FastBit: Digging through
databases faster
(page 2 of 5)
Bitmap basics
A bitmap consists of a sequence of bits: 0s and 1s. Then, a set of bitmaps makes up a bitmap index. Typically, a bitmap index includes one bitmap for every value of an attribute. If you have a gender database of subjects, for example, it needs two bitmaps: one for female and one for male. It might look like this:
| Subject Gender | Female Bitmap | Male Bitmap |
|---|---|---|
In combination, the female bitmap (10001) and the male bitmap (01100) make up the bitmap index that represents the data for these five subjects.
In scientific databases, an attribute – say, temperature – could easily require hundreds or thousands of distinct values. To encode temperatures from 0 to 100 as integers, for instance, requires 101 bitmaps. Many more values might be used if temperatures are computed as floating-point values in a simulation, and the range of measurements can be far greater than 0 to 100. These databases, therefore, could have bitmaps containing millions or billions of 0s and 1s.
Consequently, some approaches put the raw data in bins. In the temperature example, the bins might be for temperatures of 0-5 degrees, 5-10, 10-15 and so on, which would reduce the number of bitmaps to 20. Such binning, though, reduces the accuracy of later analysis if only the index is used.
Unlike tree structures, however, bitmap indexes do not work well with databases that change frequently. A modification to a record might lead to changes in a number of different bitmaps. When the bitmaps are compressed, as they usually are, these changes could require a significant amount of work. On the other hand, updating the bitmap indexes after appending a larger number of records is typically more efficient than updating tree-based indexes.
The example above also shows that bitmap indexes often contain many 0s, providing an avenue to significantly compress them. FastBit researchers found a way to specially compress the bitmaps, thus permitting more refined bins.
Building the index
A team of scientists – Wu, Shoshani and two LBNL scientists, Ekow Otoo and Kurt Stockinger – developed FastBit. To keep the size of FastBit manageable, it needed compressing. Wu and his colleagues tried a few approaches, including the byte-aligned bitmap code (BBC), which is used in Oracle.

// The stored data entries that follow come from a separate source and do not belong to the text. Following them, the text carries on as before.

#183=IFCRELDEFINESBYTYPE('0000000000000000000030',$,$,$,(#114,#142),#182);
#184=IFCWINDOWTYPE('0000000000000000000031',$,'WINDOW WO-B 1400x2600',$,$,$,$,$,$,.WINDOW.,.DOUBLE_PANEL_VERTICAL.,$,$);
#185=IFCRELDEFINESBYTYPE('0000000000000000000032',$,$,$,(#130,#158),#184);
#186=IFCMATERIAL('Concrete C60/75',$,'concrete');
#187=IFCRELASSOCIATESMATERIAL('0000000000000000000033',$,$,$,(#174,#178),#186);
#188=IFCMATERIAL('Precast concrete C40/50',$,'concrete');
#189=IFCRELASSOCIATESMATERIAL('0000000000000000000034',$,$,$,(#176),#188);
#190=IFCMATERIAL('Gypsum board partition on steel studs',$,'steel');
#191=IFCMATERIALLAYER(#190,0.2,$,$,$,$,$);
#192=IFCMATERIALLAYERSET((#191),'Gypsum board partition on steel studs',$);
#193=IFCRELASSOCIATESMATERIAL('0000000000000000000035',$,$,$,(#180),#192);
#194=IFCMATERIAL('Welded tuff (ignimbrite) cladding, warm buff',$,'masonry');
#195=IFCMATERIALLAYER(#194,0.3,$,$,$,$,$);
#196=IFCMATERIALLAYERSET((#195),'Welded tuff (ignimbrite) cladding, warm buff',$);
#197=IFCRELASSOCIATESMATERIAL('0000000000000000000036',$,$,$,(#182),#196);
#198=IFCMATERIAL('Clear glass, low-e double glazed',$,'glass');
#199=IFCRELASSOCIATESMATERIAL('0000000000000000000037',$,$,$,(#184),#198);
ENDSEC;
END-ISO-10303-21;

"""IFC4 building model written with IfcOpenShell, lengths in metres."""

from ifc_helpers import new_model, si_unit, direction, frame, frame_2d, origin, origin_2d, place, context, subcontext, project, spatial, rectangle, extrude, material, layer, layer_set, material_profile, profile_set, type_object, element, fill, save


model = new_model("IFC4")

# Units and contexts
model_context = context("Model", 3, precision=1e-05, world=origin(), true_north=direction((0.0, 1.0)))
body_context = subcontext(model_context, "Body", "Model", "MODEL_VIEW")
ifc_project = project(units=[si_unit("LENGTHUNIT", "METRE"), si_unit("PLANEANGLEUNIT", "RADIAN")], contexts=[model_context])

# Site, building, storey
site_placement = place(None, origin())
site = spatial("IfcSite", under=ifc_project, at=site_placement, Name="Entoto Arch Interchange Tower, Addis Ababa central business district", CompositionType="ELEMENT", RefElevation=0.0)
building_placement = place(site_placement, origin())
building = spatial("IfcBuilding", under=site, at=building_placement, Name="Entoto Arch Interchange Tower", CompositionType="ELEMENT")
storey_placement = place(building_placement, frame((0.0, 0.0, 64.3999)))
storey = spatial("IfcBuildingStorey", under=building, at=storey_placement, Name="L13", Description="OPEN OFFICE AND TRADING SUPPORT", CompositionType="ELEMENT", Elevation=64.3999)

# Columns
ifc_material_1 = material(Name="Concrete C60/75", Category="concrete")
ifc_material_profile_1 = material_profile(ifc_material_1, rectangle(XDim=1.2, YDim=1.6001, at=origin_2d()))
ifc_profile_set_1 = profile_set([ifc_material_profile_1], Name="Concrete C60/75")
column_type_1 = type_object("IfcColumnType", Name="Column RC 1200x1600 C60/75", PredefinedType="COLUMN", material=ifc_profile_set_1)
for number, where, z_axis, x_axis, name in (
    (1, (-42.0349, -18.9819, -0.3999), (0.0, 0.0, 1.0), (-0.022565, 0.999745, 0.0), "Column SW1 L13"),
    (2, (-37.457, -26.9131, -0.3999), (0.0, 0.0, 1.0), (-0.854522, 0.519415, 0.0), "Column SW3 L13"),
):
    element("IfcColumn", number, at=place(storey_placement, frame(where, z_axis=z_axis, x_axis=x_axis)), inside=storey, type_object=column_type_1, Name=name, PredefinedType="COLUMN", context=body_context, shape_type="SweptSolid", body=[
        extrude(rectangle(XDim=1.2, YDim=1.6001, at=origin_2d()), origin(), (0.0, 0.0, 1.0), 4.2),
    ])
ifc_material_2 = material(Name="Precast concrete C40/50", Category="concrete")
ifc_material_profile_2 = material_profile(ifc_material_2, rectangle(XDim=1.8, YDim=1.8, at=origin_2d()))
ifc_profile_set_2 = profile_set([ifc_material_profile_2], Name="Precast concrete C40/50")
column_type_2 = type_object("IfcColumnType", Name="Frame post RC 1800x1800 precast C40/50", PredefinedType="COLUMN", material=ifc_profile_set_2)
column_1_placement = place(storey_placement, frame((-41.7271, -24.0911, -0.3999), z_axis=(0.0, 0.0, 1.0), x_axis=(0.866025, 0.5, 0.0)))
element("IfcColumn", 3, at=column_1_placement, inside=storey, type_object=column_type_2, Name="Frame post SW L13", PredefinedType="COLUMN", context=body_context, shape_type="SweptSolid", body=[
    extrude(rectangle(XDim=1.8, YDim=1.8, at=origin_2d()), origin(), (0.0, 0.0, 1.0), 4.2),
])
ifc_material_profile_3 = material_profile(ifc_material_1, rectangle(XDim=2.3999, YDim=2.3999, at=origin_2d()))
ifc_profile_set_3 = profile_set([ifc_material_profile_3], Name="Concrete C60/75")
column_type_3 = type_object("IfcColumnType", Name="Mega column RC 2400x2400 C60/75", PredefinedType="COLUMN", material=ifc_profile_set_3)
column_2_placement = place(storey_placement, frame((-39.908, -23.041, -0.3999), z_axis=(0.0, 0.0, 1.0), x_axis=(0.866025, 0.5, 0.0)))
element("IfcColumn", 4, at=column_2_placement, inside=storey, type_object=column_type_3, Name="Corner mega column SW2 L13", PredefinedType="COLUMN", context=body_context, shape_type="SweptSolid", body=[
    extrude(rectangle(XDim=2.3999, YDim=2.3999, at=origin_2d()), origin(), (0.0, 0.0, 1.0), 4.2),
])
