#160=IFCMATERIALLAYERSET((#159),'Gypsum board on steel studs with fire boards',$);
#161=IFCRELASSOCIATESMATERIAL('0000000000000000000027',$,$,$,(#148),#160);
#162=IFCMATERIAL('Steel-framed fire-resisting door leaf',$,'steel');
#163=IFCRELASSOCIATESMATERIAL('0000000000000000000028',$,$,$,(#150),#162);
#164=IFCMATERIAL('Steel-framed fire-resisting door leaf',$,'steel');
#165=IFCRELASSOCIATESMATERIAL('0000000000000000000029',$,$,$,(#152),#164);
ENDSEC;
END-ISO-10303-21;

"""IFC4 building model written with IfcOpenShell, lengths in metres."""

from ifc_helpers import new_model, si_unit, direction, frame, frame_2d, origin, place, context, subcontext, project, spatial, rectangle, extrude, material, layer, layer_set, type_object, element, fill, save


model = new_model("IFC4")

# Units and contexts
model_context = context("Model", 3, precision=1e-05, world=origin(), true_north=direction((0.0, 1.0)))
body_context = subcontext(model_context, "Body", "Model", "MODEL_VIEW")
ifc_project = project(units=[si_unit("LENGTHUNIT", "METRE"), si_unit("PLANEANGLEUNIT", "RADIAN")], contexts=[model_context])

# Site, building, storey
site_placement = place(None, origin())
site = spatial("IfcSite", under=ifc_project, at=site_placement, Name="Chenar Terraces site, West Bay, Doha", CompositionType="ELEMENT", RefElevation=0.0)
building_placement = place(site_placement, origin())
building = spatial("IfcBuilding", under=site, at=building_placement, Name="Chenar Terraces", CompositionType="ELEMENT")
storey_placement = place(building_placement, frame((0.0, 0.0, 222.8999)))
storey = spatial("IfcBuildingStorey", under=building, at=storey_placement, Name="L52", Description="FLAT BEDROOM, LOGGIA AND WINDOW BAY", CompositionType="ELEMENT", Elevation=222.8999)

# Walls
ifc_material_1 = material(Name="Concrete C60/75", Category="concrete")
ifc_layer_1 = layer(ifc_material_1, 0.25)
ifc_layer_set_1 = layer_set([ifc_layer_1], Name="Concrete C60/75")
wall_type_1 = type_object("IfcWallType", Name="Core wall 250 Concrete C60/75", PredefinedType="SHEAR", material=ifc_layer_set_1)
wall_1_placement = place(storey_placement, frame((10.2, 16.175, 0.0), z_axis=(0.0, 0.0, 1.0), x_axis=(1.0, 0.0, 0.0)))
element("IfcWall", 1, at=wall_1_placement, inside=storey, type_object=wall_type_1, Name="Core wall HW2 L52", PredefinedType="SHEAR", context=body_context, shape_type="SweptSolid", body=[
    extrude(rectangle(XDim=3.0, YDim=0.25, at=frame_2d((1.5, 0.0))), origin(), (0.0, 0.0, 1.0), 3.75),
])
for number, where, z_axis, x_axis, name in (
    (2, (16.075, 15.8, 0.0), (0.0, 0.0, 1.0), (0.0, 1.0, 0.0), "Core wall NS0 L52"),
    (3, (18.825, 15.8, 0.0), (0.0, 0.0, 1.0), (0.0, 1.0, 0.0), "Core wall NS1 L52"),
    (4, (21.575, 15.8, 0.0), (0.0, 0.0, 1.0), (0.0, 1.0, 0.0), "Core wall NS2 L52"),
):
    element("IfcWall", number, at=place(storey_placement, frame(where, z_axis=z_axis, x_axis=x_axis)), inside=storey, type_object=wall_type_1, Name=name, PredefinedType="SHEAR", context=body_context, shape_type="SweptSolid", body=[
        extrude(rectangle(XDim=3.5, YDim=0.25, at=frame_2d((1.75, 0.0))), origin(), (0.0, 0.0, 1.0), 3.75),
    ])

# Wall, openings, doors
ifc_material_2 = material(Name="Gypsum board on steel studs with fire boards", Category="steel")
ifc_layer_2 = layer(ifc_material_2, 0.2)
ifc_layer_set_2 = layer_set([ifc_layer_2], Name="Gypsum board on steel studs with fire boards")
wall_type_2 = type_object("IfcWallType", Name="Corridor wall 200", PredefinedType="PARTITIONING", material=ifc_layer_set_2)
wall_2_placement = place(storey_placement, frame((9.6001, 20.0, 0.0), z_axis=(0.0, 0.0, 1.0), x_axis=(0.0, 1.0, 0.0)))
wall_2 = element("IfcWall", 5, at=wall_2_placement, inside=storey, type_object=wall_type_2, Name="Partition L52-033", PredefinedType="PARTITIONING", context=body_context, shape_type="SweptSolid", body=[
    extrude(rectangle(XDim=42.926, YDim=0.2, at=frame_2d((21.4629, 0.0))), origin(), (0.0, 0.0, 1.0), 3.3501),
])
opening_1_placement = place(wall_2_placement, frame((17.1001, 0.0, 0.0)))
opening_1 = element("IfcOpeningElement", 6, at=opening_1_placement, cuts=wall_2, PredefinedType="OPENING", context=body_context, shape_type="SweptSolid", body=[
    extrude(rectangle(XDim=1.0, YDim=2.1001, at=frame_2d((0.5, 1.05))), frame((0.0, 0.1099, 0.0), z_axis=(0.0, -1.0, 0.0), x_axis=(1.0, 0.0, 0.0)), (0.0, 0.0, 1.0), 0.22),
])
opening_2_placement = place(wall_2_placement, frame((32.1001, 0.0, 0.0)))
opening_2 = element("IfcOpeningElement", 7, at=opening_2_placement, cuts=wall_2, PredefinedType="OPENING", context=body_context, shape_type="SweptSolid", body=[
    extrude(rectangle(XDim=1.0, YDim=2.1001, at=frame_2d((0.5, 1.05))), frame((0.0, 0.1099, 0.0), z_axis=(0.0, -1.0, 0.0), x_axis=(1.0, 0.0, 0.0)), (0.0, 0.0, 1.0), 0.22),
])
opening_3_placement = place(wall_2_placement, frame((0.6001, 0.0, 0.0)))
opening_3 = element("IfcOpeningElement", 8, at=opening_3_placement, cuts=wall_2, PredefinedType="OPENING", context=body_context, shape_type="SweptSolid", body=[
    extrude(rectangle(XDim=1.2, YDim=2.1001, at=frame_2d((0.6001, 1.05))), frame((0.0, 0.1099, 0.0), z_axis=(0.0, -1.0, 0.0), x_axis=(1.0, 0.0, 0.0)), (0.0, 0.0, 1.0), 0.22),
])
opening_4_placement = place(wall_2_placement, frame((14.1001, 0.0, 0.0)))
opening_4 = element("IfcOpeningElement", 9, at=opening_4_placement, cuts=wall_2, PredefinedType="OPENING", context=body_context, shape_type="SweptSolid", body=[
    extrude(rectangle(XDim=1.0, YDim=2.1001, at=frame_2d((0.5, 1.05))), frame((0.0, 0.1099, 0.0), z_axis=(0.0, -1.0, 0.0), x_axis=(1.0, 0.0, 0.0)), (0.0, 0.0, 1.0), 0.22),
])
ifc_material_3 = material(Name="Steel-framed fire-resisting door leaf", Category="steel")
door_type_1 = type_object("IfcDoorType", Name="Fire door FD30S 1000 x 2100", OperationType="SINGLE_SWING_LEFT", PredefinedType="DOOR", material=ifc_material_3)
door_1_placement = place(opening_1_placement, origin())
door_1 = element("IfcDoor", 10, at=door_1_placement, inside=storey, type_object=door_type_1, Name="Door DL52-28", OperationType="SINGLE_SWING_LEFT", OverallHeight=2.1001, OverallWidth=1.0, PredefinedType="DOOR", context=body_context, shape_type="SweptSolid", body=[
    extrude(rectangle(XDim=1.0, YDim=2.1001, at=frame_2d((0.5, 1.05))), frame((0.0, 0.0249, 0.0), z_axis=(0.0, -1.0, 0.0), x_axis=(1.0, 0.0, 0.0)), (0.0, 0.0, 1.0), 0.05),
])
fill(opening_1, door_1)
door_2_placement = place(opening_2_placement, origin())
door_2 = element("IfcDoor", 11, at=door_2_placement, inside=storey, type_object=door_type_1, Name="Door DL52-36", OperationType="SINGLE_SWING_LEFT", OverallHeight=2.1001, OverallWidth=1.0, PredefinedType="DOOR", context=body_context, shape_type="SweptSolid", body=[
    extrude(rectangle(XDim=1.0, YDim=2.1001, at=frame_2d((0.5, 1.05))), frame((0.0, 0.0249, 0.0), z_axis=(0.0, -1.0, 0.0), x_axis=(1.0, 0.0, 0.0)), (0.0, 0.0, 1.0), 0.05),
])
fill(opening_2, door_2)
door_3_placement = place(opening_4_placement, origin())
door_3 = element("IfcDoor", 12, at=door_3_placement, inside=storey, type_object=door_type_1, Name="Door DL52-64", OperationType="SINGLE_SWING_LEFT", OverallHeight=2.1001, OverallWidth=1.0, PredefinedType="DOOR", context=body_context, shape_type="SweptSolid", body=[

But Wu and his colleagues saw a problem with using bytes. “Inside a computer, if you tell it to work with a byte, like with BBC, it pulls in an entire word and then extracts the byte. While byte alignment can be more compact, we thought we should use the word as the basic unit, and ensure that we do not break the word. That is the basic idea of word-aligned hybrid code, or WAH.”
It turns out that the feature of compressing the bitmaps without breaking the word boundaries greatly reduces the time needed to perform operations on the bitmaps, at a small cost of increasing the index size. That alone, however, wasn’t enough to achieve high search efficiency. The compression into words required a special selection of a word length.